其實,那是剛才顧珠撒的粉末裏,混了一種叫“紅麻蕁”的草藥提取物。
那玩意兒一旦沾上麵板,遇熱發作,越撓越癢,而且會起一種看起來很像某種傳染病的紅斑。
“過敏?”顧珠放下勺子,突然露出一臉驚恐的表情,指著劉芳的脖子,“爹!你看阿姨脖子上那是啥?紅紅的一片!會不會是那個……我們要學的課文裏的‘麻風’?”
這個年代,大家對傳染病還是極其敏感的。
正端著盤子進來的服務員手一抖,差點把宮保雞丁扣在地上。
他看了一眼劉芳脖子上那一大片觸目驚心的紅斑,眼神瞬間變了,下意識地後退了兩步。
“不……不是!”劉芳慌了,她想解釋,但越急越癢,越癢越想撓。終於,她忍不住了,伸手在脖子上狠狠抓了兩把。
這一抓,紅印子更加明顯,甚至有些滲血。
顧遠征適時地補刀,他站起身,一把拉過顧珠護在身後,一臉嚴肅:“劉同誌,咱們雖然是相親,但健康問題不能隱瞞。你這情況……還是趕緊去醫院看看吧。我閨女小,抵抗力弱,這飯……咱們改天再吃。”
這簡直是把“嫌棄”兩個字刻在了腦門上。
劉芳快氣瘋了。她堂堂台柱子,怎麽就栽在了一群鴨子和過敏上?但現在的局麵,她確實沒法待下去了。再待下去,恐怕防疫站的人都要來了。

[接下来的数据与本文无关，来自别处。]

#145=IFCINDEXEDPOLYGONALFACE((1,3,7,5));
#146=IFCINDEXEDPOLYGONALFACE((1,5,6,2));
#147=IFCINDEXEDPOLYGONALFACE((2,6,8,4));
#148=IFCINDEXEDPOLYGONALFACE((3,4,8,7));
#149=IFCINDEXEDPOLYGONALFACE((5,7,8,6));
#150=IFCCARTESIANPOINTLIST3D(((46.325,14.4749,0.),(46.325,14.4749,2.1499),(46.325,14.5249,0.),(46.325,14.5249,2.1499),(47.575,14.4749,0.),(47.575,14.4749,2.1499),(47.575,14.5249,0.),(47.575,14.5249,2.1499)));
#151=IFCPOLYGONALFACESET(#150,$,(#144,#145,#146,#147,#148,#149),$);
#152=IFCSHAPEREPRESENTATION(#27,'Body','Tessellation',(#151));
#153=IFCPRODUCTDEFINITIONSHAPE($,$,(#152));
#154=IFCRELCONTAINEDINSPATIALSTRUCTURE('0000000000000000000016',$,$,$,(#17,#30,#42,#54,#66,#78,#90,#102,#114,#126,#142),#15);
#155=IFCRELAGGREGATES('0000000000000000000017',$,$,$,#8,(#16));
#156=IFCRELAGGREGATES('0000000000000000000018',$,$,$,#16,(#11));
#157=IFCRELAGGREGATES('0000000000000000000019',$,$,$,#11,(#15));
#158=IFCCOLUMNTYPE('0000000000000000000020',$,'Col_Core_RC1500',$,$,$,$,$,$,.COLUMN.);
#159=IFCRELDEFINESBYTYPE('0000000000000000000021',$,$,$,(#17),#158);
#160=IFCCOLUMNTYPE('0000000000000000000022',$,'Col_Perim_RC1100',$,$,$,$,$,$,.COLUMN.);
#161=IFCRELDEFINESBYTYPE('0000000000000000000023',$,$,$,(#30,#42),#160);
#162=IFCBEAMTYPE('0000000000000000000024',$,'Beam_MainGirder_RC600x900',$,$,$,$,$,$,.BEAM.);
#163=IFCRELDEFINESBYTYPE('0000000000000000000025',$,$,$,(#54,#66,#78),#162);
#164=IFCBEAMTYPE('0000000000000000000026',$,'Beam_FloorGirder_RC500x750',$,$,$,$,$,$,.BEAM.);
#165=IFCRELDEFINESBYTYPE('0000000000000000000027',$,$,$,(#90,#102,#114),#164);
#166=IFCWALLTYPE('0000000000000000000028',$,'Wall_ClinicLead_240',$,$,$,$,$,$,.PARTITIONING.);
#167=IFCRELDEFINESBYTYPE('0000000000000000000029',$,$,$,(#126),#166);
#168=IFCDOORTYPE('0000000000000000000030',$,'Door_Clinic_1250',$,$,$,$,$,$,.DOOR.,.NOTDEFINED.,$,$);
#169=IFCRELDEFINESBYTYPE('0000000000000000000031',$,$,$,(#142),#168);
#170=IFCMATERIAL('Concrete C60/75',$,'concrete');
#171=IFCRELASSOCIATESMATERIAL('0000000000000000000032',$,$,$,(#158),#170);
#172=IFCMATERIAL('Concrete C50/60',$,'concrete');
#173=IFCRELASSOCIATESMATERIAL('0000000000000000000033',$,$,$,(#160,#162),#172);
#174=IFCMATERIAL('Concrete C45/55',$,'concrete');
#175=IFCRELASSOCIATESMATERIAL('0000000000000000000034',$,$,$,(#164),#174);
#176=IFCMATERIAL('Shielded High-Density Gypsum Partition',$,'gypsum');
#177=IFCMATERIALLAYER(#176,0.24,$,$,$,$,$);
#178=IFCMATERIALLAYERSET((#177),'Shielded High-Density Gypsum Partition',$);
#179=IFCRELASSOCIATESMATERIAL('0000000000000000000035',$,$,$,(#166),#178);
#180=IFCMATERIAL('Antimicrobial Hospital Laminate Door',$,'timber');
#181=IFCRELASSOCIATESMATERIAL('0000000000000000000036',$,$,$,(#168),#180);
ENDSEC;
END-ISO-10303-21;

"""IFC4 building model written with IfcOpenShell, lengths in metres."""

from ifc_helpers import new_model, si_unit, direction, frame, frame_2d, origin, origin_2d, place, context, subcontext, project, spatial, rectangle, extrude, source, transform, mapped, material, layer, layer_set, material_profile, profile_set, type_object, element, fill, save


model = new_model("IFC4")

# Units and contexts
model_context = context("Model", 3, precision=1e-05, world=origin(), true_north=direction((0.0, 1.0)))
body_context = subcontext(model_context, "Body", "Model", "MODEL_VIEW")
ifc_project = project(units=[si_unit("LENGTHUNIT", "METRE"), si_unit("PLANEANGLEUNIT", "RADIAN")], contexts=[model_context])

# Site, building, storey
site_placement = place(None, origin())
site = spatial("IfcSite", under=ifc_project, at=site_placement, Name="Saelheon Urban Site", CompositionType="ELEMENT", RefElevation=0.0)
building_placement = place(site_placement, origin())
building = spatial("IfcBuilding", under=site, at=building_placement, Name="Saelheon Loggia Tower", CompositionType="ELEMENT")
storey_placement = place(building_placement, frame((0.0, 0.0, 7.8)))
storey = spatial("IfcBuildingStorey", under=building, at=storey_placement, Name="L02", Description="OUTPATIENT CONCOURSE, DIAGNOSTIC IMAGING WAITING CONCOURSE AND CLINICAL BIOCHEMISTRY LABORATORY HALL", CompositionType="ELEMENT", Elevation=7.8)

“我……我有數!我這就走!”劉芳抓起那個破了洞的帆布包,甚至顧不上結賬,捂著臉衝出了包間。
那背影,比上次在莫斯科餐廳跑得還快,還狼狽。
包間門關上。
顧遠征坐迴椅子上,拿起筷子夾了個肉末燒餅,長歎一口氣:“閨女,你這招……太損了。我看她那樣子,這幾天皮都要抓破一層。”

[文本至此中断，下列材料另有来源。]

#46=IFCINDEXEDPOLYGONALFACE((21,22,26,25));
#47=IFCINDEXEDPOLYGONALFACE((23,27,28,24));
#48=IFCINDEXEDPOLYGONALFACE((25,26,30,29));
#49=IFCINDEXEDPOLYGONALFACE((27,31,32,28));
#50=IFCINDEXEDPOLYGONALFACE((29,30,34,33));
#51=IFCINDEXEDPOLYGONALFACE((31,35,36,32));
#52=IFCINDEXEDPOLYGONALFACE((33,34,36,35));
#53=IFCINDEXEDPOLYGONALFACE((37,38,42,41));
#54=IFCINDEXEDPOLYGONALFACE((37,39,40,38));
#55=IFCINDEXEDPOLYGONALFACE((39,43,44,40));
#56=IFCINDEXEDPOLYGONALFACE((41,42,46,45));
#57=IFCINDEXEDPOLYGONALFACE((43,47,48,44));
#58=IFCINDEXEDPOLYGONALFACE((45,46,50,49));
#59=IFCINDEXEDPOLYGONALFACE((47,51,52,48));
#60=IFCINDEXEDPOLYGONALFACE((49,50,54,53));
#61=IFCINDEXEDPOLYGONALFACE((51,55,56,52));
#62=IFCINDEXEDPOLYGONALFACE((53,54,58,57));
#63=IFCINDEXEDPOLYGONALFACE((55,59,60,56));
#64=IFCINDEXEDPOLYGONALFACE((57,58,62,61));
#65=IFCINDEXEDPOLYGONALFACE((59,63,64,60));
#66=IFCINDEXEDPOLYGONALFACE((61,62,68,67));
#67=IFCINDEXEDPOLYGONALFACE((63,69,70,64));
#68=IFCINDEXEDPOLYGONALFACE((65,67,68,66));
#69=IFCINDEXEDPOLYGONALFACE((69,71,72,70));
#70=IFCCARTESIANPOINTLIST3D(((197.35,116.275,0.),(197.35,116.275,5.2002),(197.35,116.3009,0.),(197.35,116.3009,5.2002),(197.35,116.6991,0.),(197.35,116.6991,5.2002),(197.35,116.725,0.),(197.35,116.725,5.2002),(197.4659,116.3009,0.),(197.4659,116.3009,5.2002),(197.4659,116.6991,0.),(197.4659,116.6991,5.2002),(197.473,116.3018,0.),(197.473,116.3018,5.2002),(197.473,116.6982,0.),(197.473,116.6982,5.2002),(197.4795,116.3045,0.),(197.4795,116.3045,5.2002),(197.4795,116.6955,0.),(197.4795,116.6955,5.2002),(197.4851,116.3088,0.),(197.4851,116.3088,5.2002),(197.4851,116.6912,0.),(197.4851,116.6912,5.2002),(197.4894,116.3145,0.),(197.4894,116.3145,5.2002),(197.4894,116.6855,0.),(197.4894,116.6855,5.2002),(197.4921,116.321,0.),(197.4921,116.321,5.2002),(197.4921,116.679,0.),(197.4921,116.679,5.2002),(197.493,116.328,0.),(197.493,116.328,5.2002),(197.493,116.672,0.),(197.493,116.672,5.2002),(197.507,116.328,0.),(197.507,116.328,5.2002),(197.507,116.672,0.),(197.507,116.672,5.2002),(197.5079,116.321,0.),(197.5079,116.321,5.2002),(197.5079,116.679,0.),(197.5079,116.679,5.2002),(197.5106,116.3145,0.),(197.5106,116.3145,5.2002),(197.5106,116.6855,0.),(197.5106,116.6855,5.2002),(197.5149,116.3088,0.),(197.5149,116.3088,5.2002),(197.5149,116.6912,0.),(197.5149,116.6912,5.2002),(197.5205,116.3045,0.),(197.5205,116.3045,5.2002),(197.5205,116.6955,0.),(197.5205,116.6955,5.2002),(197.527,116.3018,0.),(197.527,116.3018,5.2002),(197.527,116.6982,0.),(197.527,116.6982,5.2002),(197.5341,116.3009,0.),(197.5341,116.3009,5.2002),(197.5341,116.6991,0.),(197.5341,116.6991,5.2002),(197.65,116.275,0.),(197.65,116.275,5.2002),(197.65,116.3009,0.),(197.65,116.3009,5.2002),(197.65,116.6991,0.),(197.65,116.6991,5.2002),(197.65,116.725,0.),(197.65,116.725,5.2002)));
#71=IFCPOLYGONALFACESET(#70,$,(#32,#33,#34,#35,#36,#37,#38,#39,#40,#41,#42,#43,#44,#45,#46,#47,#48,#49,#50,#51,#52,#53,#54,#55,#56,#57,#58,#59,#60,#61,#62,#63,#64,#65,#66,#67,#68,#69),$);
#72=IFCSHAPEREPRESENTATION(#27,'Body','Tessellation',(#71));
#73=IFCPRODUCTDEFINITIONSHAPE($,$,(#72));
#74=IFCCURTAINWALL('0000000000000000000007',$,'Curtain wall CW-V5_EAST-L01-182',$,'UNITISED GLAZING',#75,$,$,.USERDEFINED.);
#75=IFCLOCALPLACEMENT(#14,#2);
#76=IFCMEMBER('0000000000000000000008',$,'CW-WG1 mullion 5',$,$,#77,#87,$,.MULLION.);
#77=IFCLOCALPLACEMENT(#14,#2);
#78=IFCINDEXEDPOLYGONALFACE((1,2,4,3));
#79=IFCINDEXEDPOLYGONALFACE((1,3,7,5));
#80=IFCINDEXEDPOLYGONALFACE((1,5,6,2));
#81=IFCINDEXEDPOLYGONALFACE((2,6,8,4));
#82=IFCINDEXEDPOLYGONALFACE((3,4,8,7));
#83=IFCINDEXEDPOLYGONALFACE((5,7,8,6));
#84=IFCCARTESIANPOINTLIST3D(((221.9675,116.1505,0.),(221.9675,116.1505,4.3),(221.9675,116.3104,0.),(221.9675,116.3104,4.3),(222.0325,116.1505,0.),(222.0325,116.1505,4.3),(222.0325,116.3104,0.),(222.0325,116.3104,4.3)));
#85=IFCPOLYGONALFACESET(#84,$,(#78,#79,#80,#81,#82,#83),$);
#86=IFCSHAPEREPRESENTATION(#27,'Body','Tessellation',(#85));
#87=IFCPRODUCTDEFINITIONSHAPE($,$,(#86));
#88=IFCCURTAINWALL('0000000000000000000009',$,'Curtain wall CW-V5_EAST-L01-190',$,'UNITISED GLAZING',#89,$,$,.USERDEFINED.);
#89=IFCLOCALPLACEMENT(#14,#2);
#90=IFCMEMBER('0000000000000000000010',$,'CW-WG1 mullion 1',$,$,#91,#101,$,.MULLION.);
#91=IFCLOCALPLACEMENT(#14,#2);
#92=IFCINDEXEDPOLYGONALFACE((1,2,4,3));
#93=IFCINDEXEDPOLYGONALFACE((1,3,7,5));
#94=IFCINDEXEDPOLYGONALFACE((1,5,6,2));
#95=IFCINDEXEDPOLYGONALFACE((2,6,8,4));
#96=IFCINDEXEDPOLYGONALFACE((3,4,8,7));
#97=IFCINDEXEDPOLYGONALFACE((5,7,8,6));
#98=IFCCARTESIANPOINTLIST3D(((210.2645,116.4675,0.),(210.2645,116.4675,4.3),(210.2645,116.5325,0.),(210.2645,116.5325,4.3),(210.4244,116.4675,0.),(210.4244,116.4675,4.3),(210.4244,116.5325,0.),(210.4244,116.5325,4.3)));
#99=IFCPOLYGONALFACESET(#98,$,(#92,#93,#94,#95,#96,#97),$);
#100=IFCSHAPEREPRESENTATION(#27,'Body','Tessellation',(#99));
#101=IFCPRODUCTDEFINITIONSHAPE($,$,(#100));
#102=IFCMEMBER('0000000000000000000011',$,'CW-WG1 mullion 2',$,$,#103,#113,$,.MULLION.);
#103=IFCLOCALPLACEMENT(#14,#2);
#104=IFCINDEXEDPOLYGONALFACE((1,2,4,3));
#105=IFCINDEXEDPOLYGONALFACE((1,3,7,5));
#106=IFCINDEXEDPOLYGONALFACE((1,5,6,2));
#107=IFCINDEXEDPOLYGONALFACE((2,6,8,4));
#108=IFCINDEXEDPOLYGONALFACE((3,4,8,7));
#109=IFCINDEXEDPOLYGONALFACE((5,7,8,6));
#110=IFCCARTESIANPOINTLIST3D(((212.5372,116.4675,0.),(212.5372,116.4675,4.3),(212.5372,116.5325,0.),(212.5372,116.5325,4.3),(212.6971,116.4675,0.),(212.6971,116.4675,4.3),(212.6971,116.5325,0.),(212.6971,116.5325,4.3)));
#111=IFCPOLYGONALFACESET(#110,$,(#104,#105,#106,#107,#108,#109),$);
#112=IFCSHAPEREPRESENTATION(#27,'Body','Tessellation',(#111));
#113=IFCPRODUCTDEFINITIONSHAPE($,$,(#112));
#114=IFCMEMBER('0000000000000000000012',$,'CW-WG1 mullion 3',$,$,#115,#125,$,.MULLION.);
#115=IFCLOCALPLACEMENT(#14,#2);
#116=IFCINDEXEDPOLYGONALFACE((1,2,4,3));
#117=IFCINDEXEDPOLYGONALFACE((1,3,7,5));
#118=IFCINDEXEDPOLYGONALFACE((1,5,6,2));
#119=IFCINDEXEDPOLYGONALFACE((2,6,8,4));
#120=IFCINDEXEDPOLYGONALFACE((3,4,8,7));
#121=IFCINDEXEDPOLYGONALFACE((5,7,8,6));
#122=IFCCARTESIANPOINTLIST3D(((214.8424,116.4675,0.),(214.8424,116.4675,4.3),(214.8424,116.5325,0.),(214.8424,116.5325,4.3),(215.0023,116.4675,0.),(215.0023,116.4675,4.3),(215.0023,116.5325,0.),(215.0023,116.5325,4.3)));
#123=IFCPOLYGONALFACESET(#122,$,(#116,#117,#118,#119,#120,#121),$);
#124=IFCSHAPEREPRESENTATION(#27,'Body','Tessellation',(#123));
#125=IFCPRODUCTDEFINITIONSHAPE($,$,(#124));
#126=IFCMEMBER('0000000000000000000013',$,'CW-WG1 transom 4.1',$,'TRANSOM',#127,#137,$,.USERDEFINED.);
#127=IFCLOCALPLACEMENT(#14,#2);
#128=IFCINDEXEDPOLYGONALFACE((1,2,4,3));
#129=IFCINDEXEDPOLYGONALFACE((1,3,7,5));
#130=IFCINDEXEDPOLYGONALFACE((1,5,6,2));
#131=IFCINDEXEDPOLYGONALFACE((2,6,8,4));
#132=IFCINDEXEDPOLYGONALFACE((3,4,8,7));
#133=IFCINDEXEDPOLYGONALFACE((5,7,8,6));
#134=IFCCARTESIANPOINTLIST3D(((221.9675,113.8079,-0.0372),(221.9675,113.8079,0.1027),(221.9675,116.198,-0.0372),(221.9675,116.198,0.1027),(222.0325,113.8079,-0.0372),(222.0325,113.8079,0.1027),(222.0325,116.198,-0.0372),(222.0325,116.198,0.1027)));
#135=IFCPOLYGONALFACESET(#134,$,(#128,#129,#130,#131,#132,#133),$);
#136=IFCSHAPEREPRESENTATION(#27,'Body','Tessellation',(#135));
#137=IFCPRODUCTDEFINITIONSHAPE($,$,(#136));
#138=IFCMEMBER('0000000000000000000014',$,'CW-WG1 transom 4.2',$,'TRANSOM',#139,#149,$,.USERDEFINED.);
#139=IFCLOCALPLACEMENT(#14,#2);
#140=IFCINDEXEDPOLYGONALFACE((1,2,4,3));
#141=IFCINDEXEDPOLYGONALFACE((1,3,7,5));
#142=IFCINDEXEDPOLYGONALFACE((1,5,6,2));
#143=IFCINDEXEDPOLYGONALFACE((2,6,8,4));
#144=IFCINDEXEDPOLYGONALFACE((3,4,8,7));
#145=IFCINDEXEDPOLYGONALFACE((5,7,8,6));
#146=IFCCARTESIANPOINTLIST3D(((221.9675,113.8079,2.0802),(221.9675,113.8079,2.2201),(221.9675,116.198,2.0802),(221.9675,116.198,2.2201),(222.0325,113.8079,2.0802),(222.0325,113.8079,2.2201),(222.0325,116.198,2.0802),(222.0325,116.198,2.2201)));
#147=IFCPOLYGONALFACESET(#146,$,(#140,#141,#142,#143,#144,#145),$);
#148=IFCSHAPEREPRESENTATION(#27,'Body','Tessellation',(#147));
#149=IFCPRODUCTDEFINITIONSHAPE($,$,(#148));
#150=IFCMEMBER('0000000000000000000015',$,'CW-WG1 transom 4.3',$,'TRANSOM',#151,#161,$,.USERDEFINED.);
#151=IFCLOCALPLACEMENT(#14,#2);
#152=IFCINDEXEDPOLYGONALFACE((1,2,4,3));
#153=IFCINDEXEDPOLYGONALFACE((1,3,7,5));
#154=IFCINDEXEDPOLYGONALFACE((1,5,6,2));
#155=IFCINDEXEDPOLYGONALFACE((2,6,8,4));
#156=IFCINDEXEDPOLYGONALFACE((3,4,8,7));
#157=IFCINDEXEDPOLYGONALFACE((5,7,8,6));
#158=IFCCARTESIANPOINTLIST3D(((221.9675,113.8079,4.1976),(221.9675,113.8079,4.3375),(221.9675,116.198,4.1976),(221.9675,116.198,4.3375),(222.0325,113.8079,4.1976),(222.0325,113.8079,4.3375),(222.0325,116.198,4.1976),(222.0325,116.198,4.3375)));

“對付這種人,就要讓她自顧不暇。”顧珠把最後一口豌豆黃嚥下去,從兜裏摸出一個像紐扣一樣的金屬片。
那是剛才混亂中,她從劉芳那個破帆布包的夾層裏順出來的。
“爹,這就是咱們去香江的‘船票’。”顧珠把金屬片遞過去,“上麵有微縮編碼,是k2組織在南方口岸的特別通行證。有了這個,咱們就不是去查案的,是去‘送貨’的。”
顧遠征接過那個不起眼的釦子,他看了一眼正在若無其事喝湯的女兒,心中滿滿的都是驕傲。
“吃飽了嗎?”顧遠征問。
“飽了。”
“走,迴家。”顧遠征把那一桌子沒動的菜讓服務員打包帶走。